Absolutely! Everything you say is so true. I wish I could just relax and enjoy my pregnancy but I can't stop worrying and just be happy and excited. Having had losses takes al the innocence and excitement out of being pregnant, what should be one of the most exciting time of our lives :( . I am almost 12 weeks but I don't think I can relax until I am holding my baby in my arms which I pray does happen.
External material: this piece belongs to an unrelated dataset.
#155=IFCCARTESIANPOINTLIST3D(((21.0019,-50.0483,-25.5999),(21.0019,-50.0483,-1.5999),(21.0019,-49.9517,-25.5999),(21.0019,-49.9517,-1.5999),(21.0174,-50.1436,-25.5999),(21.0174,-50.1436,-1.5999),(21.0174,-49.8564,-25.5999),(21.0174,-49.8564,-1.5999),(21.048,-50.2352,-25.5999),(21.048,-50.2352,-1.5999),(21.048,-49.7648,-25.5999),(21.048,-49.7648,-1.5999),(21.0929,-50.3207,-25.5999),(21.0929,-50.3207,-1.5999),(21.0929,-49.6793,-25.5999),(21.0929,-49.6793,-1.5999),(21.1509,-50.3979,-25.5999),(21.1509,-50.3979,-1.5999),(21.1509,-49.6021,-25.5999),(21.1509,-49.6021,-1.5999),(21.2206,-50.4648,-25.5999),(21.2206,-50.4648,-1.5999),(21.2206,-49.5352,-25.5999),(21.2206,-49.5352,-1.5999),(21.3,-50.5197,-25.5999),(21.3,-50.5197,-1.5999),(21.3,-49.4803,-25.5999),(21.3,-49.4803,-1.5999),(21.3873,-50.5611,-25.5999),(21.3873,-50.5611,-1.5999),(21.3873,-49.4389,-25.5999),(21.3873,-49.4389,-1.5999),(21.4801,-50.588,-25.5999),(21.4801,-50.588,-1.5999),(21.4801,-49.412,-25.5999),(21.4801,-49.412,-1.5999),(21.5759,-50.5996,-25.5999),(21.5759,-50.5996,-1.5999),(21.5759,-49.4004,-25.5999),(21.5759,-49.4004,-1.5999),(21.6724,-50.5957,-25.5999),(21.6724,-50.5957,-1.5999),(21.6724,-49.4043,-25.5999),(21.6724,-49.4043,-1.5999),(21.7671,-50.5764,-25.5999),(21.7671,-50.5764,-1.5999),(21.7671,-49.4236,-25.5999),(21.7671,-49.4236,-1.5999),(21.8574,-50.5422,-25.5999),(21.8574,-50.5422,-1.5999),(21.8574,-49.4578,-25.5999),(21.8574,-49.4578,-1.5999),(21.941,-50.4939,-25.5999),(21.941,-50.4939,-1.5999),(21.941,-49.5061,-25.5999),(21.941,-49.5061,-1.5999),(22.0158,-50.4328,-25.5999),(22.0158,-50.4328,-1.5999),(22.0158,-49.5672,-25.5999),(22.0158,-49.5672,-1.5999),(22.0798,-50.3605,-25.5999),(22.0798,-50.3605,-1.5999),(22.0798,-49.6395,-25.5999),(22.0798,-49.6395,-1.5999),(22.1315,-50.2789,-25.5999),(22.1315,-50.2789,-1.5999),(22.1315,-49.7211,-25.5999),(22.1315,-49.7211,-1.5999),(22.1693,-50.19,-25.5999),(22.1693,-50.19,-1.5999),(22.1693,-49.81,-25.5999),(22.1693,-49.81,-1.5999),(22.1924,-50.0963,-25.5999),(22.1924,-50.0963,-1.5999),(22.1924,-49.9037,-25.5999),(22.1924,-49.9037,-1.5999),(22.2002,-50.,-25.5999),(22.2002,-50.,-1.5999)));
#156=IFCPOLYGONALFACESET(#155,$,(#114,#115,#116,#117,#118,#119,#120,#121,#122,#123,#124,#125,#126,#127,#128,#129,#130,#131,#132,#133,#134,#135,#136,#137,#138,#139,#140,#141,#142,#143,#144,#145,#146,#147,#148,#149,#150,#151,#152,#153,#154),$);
Wishing you a happy and healthy pregnancy 

xxxx


----------



## Jox

Unfortuntely there is never a time to relax. I lost my son at 36 weeks so until my baby is safe and alive in my arms i will never stop worrying... even then the worry doesnt end tho does it :-( xxx


----------



## robbo1

Everything you say is so so true I'm almost 12 weeks now and feel like 6 months to go is like mission impossible, every day is an eternity. I feel like people think I should be excited and not really want to still talk about my angels but they still very important to all of us aren't they? Xx


----------



## mamabearjen

Im 21 weeks now lost my son at 32 weeks he was born alive but only lived for an hour...I wont feel safe and happy until im leaving the hospital with her. My husband just says "shes fine dont worry so much" but for me thats all I do is worry. It has been 4 weeks since my last scan and im so anxious for the next one. with my son I knew at 20weeks he wasnt going to make it and I had to pack up all the furniture and give away the clothes and things. this time I cant stop shopping...and everytime in the back of my mind I think "I hope I get to use this" it sad but our reality! hang in there and remember to rejoice the moments you can and be proud your a mommy and get to worry about a little creation in your belly! (I KNOW easier said than done)


----------



## Coolka

I'm so with you. Had a msc in October, now 13 weeks pregnant and even though I saw the bouncing baby on the screen I still can't relax. I'm looking for signs that something goes wrong and trying to prepare myself for the worst. I wish I could enjoy this pregnancy but I'm just scared it's going to end too soon.


----------



## MKHewson

I understand completely how you feel, I am here now 6 weeks...feel cramping, trying not to assume the worst. I wish I could fast track to 12 weeks, and have a scan and know that everything is okay. It seems so unfair that I cant dare take moment to be excited.


----------



## cb1

I agree, wont be able to relax until this baby is here - and even as I type that I'm thinking "if this pregnancy is successful". With my first pregnancy it didn't even occur to me to be worried, and I'd love to feel like that again. After my son was born my second pregnancy was a mmc that was picked up on a scan at 8 weeks (had ended at 6 weeks), during my next pregnancy we had a scan at 7 weeks that showed a heartbeat and were thrilled that everything seemed to be ok, and allowed ourselves to get excited again. That pregnancy ended a few weeks later as a mmc again which had failed at just over 9 weeks. I don't dare feel excited about things this time around, and am planning to take each day as it comes and pray for a positive outcome.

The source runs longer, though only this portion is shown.